Par un mémoire en défense, enregistré le 14 octobre 2025, le préfet de la Seine-et-Marne conclut au rejet de la requête. Il soutient que les moyens qu’elle comporte ne sont pas fondés.
Par une ordonnance du 1er octobre 2025, la clôture de l’instruction a été fixée au 16 octobre 2025.
M. B… a produit un nouveau mémoire, qui a été enregistré le 1er novembre 2025, soit postérieurement à la clôture de l’instruction, et n’a pas été communiqué.
Par une lettre du 24 février 2026, les parties ont informées, en application des dispositions de l’article R. 611-7 du code de justice administrative, de ce que le jugement à intervenir est susceptible d’être fondé sur un moyen relevé d’office, tiré de l’irrecevabilité des conclusions présentées par M. B… tendant à l’annulation de la décision rejetant implicitement sa demande d’admission exceptionnelle au séjour, en raison de l’inexistence de cette décision.
Vu les autres pièces du dossier.
Vu :
- la convention européenne de sauvegarde des droits de l’homme et des libertés fondamentales ;
- le code de l’entrée et du séjour des étrangers et du droit d’asile ;
- le code des relations entre le public et l’administration ;
- le code de justice administrative.
Le président de la formation de jugement a dispensé la rapporteure publique, sur sa proposition, de prononcer des conclusions à l’audience.
Les parties ont été régulièrement averties du jour de l’audience publique, au cours de laquelle a été entendu le rapport de M. David, les parties n’étant ni présentes, ni représentées.
Considérant ce qui suit :
M. B…, ressortissant algérien né le 18 septembre 1989 et soutenant être entré en France en août 2023, demande l’annulation des décisions du 27 mars 2025 par lesquelles le préfet de la Seine-et-Marne aurait implicitement rejeté sa demande de titre de séjour, l’a obligé à quitter le territoire français sans délai, a fixé le pays de destination et a prononcé à son encontre une interdiction de retour sur le territoire français pour un an.
Sur les conclusions à fin d’annulation :
En ce qui concerne la décision implicite portant refus d’admission au séjour :
Si M. B… demande l’annulation d’une prétendue décision implicite lui refusant la délivrance d’un titre de séjour, il ne ressort pas des pièces du dossier qu’il aurait effectivement déposé une demande de titre de séjour et qu’une décision implicite de refus de lui délivrer un tel titre serait ainsi née du silence gardé par l’administration sur cette demande.

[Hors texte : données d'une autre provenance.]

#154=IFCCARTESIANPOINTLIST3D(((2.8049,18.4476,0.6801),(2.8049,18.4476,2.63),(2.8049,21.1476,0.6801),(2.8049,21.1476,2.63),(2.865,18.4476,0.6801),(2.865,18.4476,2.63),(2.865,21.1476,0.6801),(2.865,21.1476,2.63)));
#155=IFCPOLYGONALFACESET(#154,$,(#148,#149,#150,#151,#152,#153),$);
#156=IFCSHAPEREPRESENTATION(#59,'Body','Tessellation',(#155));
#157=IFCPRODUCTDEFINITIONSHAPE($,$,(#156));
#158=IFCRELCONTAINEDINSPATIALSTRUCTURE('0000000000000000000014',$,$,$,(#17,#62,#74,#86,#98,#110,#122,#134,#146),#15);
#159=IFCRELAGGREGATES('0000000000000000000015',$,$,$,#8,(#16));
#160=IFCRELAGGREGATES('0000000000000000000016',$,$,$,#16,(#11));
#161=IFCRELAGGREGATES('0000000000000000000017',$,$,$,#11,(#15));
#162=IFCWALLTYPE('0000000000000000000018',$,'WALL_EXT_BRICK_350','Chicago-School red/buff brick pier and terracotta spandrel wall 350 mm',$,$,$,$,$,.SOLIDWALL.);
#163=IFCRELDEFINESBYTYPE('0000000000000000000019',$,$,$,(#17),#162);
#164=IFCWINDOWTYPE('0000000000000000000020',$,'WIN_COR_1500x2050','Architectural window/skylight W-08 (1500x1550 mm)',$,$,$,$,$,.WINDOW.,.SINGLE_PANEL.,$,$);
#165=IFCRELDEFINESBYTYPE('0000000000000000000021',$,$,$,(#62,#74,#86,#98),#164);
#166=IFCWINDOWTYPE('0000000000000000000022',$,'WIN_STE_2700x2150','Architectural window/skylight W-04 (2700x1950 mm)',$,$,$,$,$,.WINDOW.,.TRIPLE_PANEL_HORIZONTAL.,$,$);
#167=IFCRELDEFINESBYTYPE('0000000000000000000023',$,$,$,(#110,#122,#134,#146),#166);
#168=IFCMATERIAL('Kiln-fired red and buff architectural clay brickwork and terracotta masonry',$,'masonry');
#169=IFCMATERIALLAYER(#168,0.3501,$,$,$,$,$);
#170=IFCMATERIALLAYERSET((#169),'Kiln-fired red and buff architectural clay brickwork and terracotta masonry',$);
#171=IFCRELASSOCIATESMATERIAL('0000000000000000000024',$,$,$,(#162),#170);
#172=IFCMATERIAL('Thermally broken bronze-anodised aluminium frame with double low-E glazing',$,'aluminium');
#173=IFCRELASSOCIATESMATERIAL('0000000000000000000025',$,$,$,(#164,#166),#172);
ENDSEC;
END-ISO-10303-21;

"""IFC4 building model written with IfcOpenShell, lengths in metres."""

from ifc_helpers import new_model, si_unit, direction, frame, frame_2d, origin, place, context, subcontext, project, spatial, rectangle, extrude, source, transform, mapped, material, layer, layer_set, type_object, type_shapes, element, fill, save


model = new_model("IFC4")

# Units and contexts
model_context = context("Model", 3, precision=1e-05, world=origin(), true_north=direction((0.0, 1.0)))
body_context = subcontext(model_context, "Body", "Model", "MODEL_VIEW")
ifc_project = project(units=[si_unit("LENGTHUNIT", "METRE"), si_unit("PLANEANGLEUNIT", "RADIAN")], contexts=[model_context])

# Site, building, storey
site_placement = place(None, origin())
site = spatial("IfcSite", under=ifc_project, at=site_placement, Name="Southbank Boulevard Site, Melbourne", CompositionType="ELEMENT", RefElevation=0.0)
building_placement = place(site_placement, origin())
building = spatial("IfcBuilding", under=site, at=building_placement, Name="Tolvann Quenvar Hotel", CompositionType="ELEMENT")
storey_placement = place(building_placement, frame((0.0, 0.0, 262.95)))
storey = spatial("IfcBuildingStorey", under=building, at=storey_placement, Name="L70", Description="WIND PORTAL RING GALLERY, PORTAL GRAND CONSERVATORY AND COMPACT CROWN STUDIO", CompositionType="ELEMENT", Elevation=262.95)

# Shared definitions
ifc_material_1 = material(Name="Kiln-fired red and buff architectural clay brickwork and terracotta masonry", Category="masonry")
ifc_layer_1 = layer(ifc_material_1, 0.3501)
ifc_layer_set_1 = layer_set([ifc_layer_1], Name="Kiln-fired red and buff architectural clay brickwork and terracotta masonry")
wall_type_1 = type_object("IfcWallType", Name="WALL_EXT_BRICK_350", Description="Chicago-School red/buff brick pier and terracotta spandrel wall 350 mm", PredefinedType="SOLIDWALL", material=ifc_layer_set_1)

Par suite, les conclusions tendant à l’annulation de la décision portant implicitement rejet de sa demande d’admission exceptionnelle au séjour doivent être rejetées comme étant irrecevables en raison de l’inexistence de cette décision.
En ce qui concerne les moyens communs au surplus des décisions attaquées :
En premier lieu, aux termes de l’article L. 211-2 du code des relations entre le public et l’administration : « Les personnes physiques ou morales ont le droit d’être informées sans délai des motifs des décisions administratives individuelles défavorables qui les concernent ». Aux termes de l’article L. 211-5 de ce même code : « La motivation exigée par le présent chapitre doit être écrite et comporter l’énoncé des considérations de droit et de fait qui constituent le fondement de la décision ». Aux termes de l’article L. 613-1 du code de l’entrée et du séjour des étrangers et du droit d’asile : « La décision portant obligation de quitter le territoire français est motivée ».
En l’arrêté attaqué comporte l’énoncé des éléments de droit et de fait qui en constituent le fondement. Aussi, il satisfait aux exigences de motivation issues du code des relations entre le public et l’administration et du code de l’entrée et du séjour des étrangers et du droit d’asile.
En second lieu, il ne ressort ni des termes de la décision en litige, ni d’aucune autre pièce du dossier, que le préfet de la Seine-et-Marne n’aurait pas procédé à un examen particulier de la situation de M. B… et n’aurait pas tenu compte de l’ensemble des éléments soumis par l’intéressé à son appréciation. Par suite, le moyen tiré du défaut d’examen particulier de sa situation doit être écarté.
En ce qui concerne la décision portant obligation de quitter le territoire français :
En premier lieu, le moyen tiré de l’exception d’illégalité de la « décision rejetant implicitement sa demande de titre de séjour » doit être écarté en conséquence du rejet pour irrecevabilité des conclusions dirigées contre cette décision inexistante.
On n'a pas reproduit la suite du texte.